Table#

A Table object is the core abstraction of the Table API. Similar to how the DataStream API has DataStream, the Table API is built around Table.

A Table object describes a pipeline of data transformations. It does not contain the data itself in any way. Instead, it describes how to read data from a table source, and how to eventually write data to a table sink. The declared pipeline can be printed, optimized, and eventually executed in a cluster. The pipeline can work with bounded or unbounded streams which enables both streaming and batch scenarios.

By the definition above, a Table object can actually be considered as a view in SQL terms.

The initial Table object is constructed by a TableEnvironment. For example, from_path() obtains a table from a catalog. Every Table object has a schema that is available through get_schema(). A Table object is always associated with its original table environment during programming.

Every transformation (i.e. select()} or filter() on a Table object leads to a new Table object.

Use execute() to execute the pipeline and retrieve the transformed data locally during development. Otherwise, use execute_insert() to write the data into a table sink.

Many methods of this class take one or more Expression as parameters. For fluent definition of expressions and easier readability, we recommend to add a star import:

Example:

>>> from pyflink.table.expressions import *

Check the documentation for more programming language specific APIs.

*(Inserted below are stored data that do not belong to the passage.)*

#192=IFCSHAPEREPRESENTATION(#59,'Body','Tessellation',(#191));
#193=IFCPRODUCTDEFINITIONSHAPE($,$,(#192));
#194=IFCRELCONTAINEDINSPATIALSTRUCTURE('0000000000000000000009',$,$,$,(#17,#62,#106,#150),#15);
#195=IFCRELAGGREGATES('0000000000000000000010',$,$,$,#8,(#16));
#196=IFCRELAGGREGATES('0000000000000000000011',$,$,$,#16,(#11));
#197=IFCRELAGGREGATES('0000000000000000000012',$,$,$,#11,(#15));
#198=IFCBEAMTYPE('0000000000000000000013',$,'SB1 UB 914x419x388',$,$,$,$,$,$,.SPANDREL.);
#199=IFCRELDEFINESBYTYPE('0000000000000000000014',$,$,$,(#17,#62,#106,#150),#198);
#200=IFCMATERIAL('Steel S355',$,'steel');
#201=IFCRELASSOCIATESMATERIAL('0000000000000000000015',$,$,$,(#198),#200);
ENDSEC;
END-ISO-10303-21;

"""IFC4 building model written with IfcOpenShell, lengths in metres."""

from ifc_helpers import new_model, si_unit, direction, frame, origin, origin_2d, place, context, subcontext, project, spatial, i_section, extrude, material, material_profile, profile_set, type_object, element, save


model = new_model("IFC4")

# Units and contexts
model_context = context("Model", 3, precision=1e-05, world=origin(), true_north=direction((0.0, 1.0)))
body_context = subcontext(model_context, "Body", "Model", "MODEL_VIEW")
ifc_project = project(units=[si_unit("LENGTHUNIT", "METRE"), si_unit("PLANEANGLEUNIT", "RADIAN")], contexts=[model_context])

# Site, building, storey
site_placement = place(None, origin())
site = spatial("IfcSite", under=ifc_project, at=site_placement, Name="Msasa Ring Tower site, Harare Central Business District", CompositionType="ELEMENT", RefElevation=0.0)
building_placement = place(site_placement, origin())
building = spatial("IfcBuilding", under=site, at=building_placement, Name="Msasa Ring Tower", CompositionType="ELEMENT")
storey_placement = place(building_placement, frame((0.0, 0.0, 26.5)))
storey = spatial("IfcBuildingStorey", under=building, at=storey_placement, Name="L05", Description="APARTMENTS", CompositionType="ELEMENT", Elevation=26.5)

The following example shows how to work with a Table object.

Example:

>>> from pyflink.table import EnvironmentSettings, TableEnvironment
>>> from pyflink.table.expressions import *
>>> env_settings = EnvironmentSettings.in_streaming_mode()
>>> t_env = TableEnvironment.create(env_settings)
>>> table = t_env.from_path("my_table").select(col("colA").trim(), col("colB") + 12)
>>> table.execute().print()

Table.add_columns(*fields)

Adds additional columns.

Table.add_or_replace_columns(*fields)

Adds additional columns.

Table.aggregate(func)

Performs a global aggregate operation with an aggregate function.

Table.alias(field, *fields)

Renames the fields of the expression result.

Table.distinct()

Removes duplicate values and returns only distinct (different) values.

Table.drop_columns(*fields)

Drops existing columns.

Table.drop_columns(*fields)

Drops existing columns.

Table.execute()

Collects the contents of the current table local client.

Table.execute_insert(table_path_or_descriptor)

  1. When target_path_or_descriptor is a tale path:

Table.explain(*extra_details)

Returns the AST of this table and the execution plan.

Table.fetch(fetch)

Limits a (possibly sorted) result to the first n rows.

Table.filter(predicate)

Filters out elements that don't pass the filter predicate.

Table.flat_aggregate(func)

Perform a global flat_aggregate without group_by.

Table.flat_map(func)

Performs a flatMap operation with a user-defined table function.

Table.full_outer_join(right, join_predicate)

Joins two Table.

Table.get_schema()

Returns the TableSchema of this table.

Table.group_by(*fields)

Groups the elements on some grouping keys.

Table.intersect(right)

Intersects two Table with duplicate records removed.

Table.intersect_all(right)

Intersects two Table.

Table.join(right[, join_predicate])

Joins two Table.

Table.join_lateral(table_function_call[, ...])

Joins this Table with an user-defined TableFunction.

Table.left_outer_join(right[, join_predicate])

Joins two Table.

Table.left_outer_join_lateral(...[, ...])

Joins this Table with an user-defined TableFunction.

Table.limit(fetch[, offset])

Limits a (possibly sorted) result to the first n rows.

Table.map(func)

Performs a map operation with a user-defined scalar function.

Table.minus(right)

Minus of two Table with duplicate records removed.

Table.minus_all(right)

Minus of two Table.

Table.offset(offset)

Limits a (possibly sorted) result from an offset position.

Table.order_by(*fields)

Sorts the given Table.

Table.over_window(*over_windows)

Defines over-windows on the records of a table.

Table.print_schema()

Prints the schema of this table to the console in a tree format.

Table.rename_columns(*fields)

Renames existing columns.

Table.right_outer_join(right, join_predicate)

Joins two Table.

Table.select(*fields)

Performs a selection operation.

Table.to_pandas()

Converts the table to a pandas DataFrame.

Table.union(right)

Unions two Table with duplicate records removed.

Table.union_all(right)

Unions two Table.

Table.where(predicate)

Filters out elements that don't pass the filter predicate.

Table.window(window)

Defines group window on the records of a table.